Affaires à suivre

Il y a encore six ans, rares étaient ceux qui misaient sur le succès des cigarettes électroniques. Rien ne pourrait détrôner la sacro sainte clope et toute solution alternative à la cigarette, aussi innovante soit elle, était vouée à l’échec. En 2013, la cigarette électronique est sur toutes les bouches ou plutôt entre les lèvres de plus de 500 000 Français qui s’y sont convertis.

L’Office français de prévention du tabagisme a rendu son rapport fin mai et n’a pas lésiné sur les recommandations concernant la cigarette électronique. Pas moins de 28 recommandations ont été adressées au Gouvernement, illustrant si besoin en était que « l’e-cigarette » est sortie de l’anonymat et est en passe de devenir un phénomène de société.

Un phénomène de société qui ne doit pas devenir une mode attirant une jeunesse curieuse et prête à embrasser le moindre mouvement perçu comme cool et branché. C’est d’ailleurs la 3e recommandation des experts qui souhaitent « mettre en œuvre des mesures pour éviter toute promotion et toute facilitation de l’accès de l’e-cigarette aux mineurs et aux sujets n’ayant jamais fumé ». L’e-cigarette a été conçue comme un moyen de sortir d’une dépendance qui fait 73 000 morts en France chaque année. Elle ne doit pas devenir la première étape de la mise en place d’une dépendance à la nicotine comme le souhaitent sournoisement des cigarettiers fâchés de voir leur business être remis en cause de la sorte.

Les modèles de cigarettes électroniques sont nombreux et des magasins spécialisés ont d’ailleurs vu le jour à Paris et dans certaines villes en région. Le rapport de l’Office français de prévention du tabagisme incite quant à lui à la vente des e-cigarettes en pharmacie dans la mesure où se produit vise à combattre une addiction qui génère des milliers de morts et des millions d’euros de dépenses de santé chaque année. Une position logique qui devrait satisfaire une entreprise comme Visiomed qui s’est spécialisée dans le matériel médical et qui commercialise une gamme de cigarette électronique sous le nom de Tag Replay.

La balle est désormais dans le camp du Gouvernement qui devrait légiférer d’ici quelques semaines.
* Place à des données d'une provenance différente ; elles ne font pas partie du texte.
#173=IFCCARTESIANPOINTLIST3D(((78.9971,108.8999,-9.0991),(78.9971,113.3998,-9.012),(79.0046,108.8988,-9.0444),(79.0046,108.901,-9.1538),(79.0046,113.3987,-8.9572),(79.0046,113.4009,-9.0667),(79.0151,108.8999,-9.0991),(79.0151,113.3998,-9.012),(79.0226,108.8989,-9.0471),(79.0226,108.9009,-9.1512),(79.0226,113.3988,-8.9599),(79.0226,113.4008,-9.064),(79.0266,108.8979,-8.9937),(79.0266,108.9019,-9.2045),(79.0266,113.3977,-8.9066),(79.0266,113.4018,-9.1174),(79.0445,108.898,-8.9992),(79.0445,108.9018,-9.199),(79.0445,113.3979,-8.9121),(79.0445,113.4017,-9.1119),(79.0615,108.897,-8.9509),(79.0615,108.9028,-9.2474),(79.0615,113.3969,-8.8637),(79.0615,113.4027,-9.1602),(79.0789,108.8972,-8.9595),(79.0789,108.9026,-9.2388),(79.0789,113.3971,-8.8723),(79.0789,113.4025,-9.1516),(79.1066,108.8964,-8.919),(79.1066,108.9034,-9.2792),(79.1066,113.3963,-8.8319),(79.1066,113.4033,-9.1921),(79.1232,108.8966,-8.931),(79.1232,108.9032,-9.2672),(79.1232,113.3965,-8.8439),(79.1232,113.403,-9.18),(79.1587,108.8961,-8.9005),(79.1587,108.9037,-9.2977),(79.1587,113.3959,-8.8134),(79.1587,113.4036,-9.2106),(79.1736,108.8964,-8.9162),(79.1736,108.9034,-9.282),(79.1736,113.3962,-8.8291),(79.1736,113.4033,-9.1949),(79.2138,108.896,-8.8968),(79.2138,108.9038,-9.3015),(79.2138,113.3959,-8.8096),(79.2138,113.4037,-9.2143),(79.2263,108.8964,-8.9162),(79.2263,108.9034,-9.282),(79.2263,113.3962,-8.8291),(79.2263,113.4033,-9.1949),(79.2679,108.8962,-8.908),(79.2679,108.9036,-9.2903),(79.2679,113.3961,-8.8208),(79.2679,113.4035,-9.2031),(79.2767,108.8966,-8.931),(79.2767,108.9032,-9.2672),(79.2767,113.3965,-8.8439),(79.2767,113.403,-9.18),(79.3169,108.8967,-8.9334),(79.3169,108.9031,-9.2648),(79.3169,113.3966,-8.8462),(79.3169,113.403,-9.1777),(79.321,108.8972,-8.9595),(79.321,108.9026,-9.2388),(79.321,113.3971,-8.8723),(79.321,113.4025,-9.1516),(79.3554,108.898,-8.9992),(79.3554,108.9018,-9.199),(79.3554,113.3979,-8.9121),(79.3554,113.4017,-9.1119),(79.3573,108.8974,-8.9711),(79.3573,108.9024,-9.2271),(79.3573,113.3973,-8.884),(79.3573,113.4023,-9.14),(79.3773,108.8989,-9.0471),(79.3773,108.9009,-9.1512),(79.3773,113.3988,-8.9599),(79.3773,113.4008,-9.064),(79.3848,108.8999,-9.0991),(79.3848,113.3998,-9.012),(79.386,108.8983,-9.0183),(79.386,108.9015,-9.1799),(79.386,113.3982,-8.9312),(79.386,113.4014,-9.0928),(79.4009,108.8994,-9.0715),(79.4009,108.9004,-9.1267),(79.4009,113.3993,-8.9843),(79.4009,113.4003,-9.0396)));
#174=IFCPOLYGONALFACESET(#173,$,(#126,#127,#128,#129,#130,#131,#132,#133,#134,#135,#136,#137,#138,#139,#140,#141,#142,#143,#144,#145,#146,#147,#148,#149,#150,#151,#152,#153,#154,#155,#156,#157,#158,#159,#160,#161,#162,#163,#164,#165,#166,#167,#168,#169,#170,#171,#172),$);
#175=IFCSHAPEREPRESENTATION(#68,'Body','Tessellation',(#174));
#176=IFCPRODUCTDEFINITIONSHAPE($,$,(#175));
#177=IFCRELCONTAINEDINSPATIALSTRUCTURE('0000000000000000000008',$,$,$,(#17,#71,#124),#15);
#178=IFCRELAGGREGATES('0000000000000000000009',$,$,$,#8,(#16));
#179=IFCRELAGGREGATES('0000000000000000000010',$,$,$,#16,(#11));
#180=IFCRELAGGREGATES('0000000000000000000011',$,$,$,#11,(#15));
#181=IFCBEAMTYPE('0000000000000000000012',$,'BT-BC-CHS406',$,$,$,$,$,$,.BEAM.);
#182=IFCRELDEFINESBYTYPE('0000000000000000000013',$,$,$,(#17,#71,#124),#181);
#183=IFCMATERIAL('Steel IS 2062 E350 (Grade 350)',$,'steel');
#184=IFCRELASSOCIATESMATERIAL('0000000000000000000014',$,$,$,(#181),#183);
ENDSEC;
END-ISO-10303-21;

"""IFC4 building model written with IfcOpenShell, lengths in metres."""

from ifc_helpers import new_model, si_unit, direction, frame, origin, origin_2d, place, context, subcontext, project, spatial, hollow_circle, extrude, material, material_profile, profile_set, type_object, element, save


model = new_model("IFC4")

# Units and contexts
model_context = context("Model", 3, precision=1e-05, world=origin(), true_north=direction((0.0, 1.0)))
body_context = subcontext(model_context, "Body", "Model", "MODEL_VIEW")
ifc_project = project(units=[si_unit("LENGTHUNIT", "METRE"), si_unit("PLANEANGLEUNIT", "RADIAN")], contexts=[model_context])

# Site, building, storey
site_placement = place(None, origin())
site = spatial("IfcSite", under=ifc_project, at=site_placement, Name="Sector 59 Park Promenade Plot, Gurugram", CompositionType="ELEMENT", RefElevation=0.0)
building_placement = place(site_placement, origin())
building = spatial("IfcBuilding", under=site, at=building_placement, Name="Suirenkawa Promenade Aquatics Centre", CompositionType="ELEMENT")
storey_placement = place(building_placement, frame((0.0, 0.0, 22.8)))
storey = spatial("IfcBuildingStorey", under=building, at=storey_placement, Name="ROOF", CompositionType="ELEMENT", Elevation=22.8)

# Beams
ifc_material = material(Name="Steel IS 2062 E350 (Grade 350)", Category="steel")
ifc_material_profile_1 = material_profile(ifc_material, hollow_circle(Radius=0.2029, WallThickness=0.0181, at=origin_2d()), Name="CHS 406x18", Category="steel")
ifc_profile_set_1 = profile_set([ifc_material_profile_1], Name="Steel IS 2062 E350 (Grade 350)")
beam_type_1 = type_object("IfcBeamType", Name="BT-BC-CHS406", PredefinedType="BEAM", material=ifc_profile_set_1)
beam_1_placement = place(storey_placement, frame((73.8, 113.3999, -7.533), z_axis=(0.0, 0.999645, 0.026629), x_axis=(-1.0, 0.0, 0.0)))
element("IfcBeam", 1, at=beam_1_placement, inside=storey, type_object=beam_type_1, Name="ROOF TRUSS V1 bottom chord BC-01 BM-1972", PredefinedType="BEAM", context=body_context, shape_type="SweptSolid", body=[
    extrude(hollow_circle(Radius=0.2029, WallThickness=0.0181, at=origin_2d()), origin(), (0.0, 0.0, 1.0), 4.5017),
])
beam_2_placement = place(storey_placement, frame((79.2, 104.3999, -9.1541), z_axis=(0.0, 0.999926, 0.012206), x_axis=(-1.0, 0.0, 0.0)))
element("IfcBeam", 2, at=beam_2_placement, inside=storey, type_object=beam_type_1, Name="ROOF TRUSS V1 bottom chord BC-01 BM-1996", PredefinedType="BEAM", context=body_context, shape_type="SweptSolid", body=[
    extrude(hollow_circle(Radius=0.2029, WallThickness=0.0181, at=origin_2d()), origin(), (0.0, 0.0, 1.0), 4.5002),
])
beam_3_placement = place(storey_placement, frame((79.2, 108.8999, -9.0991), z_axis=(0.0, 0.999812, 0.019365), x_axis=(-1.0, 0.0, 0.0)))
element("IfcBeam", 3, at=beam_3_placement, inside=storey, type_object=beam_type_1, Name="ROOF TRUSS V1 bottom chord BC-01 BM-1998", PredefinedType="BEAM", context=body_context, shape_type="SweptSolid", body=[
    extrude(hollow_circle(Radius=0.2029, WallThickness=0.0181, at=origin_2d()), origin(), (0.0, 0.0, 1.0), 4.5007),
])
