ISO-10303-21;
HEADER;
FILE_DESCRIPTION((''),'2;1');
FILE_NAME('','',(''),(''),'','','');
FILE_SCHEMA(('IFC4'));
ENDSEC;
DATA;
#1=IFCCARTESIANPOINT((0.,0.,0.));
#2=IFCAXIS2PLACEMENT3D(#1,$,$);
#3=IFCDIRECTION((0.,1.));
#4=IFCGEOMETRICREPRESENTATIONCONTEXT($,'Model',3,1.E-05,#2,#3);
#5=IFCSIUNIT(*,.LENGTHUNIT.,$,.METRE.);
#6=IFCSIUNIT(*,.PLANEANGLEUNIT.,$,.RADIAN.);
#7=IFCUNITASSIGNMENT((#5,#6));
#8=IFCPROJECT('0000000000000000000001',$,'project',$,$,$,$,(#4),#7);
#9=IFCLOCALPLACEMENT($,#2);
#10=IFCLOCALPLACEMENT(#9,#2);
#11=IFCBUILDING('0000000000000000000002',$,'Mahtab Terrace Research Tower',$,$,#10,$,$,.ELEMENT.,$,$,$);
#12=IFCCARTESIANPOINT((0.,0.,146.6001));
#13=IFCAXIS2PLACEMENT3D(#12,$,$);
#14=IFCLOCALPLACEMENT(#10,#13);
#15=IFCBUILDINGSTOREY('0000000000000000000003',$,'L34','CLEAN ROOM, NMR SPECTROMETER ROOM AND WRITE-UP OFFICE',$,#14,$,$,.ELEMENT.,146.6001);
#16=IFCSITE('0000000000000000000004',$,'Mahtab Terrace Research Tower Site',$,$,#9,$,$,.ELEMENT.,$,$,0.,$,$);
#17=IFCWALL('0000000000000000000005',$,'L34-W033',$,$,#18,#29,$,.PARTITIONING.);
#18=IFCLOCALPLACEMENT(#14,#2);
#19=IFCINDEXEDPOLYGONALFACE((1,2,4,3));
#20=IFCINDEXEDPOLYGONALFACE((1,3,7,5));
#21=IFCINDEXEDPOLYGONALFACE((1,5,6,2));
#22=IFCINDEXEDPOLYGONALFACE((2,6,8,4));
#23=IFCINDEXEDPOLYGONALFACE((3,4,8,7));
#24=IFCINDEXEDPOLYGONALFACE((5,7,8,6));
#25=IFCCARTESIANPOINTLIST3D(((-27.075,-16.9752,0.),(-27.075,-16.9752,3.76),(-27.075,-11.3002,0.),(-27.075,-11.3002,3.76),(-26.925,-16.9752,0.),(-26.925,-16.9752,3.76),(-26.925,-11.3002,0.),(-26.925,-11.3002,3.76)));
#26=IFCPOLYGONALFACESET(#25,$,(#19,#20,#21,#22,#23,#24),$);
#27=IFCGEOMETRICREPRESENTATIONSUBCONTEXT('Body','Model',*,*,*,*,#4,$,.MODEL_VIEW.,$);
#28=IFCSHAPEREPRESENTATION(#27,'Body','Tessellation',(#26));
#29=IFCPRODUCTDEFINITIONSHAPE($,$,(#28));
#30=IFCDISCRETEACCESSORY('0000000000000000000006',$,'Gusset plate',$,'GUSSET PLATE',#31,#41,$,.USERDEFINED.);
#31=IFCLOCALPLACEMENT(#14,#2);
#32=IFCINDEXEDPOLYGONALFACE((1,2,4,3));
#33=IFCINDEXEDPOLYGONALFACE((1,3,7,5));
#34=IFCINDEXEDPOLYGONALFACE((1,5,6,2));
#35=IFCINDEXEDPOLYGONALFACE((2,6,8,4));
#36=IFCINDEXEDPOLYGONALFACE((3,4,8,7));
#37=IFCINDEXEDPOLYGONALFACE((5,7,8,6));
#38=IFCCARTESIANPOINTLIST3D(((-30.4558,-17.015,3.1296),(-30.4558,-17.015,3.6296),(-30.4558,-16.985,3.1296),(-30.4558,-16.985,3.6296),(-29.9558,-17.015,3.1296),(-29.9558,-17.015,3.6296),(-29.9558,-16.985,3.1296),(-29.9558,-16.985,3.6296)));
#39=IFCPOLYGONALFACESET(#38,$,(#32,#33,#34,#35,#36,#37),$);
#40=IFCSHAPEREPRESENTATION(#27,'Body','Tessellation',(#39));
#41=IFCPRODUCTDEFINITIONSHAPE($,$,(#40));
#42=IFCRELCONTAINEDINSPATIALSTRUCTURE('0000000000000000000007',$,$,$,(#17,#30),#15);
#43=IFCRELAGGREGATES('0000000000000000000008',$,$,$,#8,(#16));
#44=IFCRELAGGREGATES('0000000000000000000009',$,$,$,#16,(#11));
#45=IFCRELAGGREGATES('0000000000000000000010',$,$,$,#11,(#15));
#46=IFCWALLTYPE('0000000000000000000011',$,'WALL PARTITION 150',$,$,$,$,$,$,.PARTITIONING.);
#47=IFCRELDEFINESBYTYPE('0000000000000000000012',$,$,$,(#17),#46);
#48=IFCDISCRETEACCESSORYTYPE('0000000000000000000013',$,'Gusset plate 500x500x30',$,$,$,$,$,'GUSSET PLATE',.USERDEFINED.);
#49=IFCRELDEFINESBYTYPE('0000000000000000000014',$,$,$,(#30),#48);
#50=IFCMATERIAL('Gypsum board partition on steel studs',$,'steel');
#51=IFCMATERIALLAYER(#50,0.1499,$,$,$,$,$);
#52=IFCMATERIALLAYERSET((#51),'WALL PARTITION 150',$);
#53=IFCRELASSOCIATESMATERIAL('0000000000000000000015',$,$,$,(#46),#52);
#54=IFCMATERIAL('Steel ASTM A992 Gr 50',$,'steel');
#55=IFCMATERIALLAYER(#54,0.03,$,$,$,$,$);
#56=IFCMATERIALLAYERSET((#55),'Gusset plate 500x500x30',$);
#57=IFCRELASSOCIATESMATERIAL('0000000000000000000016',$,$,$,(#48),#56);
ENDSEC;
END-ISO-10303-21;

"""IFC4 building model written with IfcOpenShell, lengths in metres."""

from ifc_helpers import new_model, si_unit, direction, frame, frame_2d, origin, origin_2d, place, context, subcontext, project, spatial, rectangle, extrude, material, layer, layer_set, type_object, element, save


model = new_model("IFC4")

# Units and contexts
model_context = context("Model", 3, precision=1e-05, world=origin(), true_north=direction((0.0, 1.0)))
body_context = subcontext(model_context, "Body", "Model", "MODEL_VIEW")
ifc_project = project(units=[si_unit("LENGTHUNIT", "METRE"), si_unit("PLANEANGLEUNIT", "RADIAN")], contexts=[model_context])

# Site, building, storey
site_placement = place(None, origin())
site = spatial("IfcSite", under=ifc_project, at=site_placement, Name="Mahtab Terrace Research Tower Site", CompositionType="ELEMENT", RefElevation=0.0)
building_placement = place(site_placement, origin())
building = spatial("IfcBuilding", under=site, at=building_placement, Name="Mahtab Terrace Research Tower", CompositionType="ELEMENT")
storey_placement = place(building_placement, frame((0.0, 0.0, 146.6001)))
storey = spatial("IfcBuildingStorey", under=building, at=storey_placement, Name="L34", Description="CLEAN ROOM, NMR SPECTROMETER ROOM AND WRITE-UP OFFICE", CompositionType="ELEMENT", Elevation=146.6001)

# Shared definitions
ifc_material_1 = material(Name="Steel ASTM A992 Gr 50", Category="steel")

# Wall
ifc_material_2 = material(Name="Gypsum board partition on steel studs", Category="steel")
ifc_layer_1 = layer(ifc_material_2, 0.1499)
ifc_layer_set_1 = layer_set([ifc_layer_1], Name="WALL PARTITION 150")
wall_type = type_object("IfcWallType", Name="WALL PARTITION 150", PredefinedType="PARTITIONING", material=ifc_layer_set_1)
wall_placement = place(storey_placement, frame((-27.0, -16.9751, 0.0), z_axis=(0.0, 0.0, 1.0), x_axis=(0.0, 1.0, 0.0)))
element("IfcWall", 1, at=wall_placement, inside=storey, type_object=wall_type, Name="L34-W033", PredefinedType="PARTITIONING", context=body_context, shape_type="SweptSolid", body=[
    extrude(rectangle(XDim=5.675, YDim=0.1499, at=frame_2d((2.8374, 0.0))), origin(), (0.0, 0.0, 1.0), 3.76),
])

# Discrete accessory
ifc_layer_2 = layer(ifc_material_1, 0.03)
ifc_layer_set_2 = layer_set([ifc_layer_2], Name="Gusset plate 500x500x30")
discrete_accessory_type = type_object("IfcDiscreteAccessoryType", Name="Gusset plate 500x500x30", ElementType="GUSSET PLATE", PredefinedType="USERDEFINED", material=ifc_layer_set_2)
discrete_accessory_placement = place(storey_placement, frame((-30.2058, -17.0, 3.1296), z_axis=(0.0, 0.0, 1.0), x_axis=(1.0, 0.0, 0.0)))
element("IfcDiscreteAccessory", 2, at=discrete_accessory_placement, inside=storey, type_object=discrete_accessory_type, Name="Gusset plate", ObjectType="GUSSET PLATE", PredefinedType="USERDEFINED", context=body_context, shape_type="SweptSolid", body=[
    extrude(rectangle(XDim=0.5, YDim=0.03, at=origin_2d()), origin(), (0.0, 0.0, 1.0), 0.5),
])

save(model, "model.ifc")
Nul doute que le rapport de l’Office français de prévention du tabagisme sera attentivement lu par une ministre de la Santé qui devra trancher sur l’interdiction ou non de la cigarette électronique dans les lieux publics. Une question sensible qui secoue la toile et oppose deux camps bien ancrés dans leurs convictions. Il y aura forcément des mécontents et le Gouvernement le sait fort bien.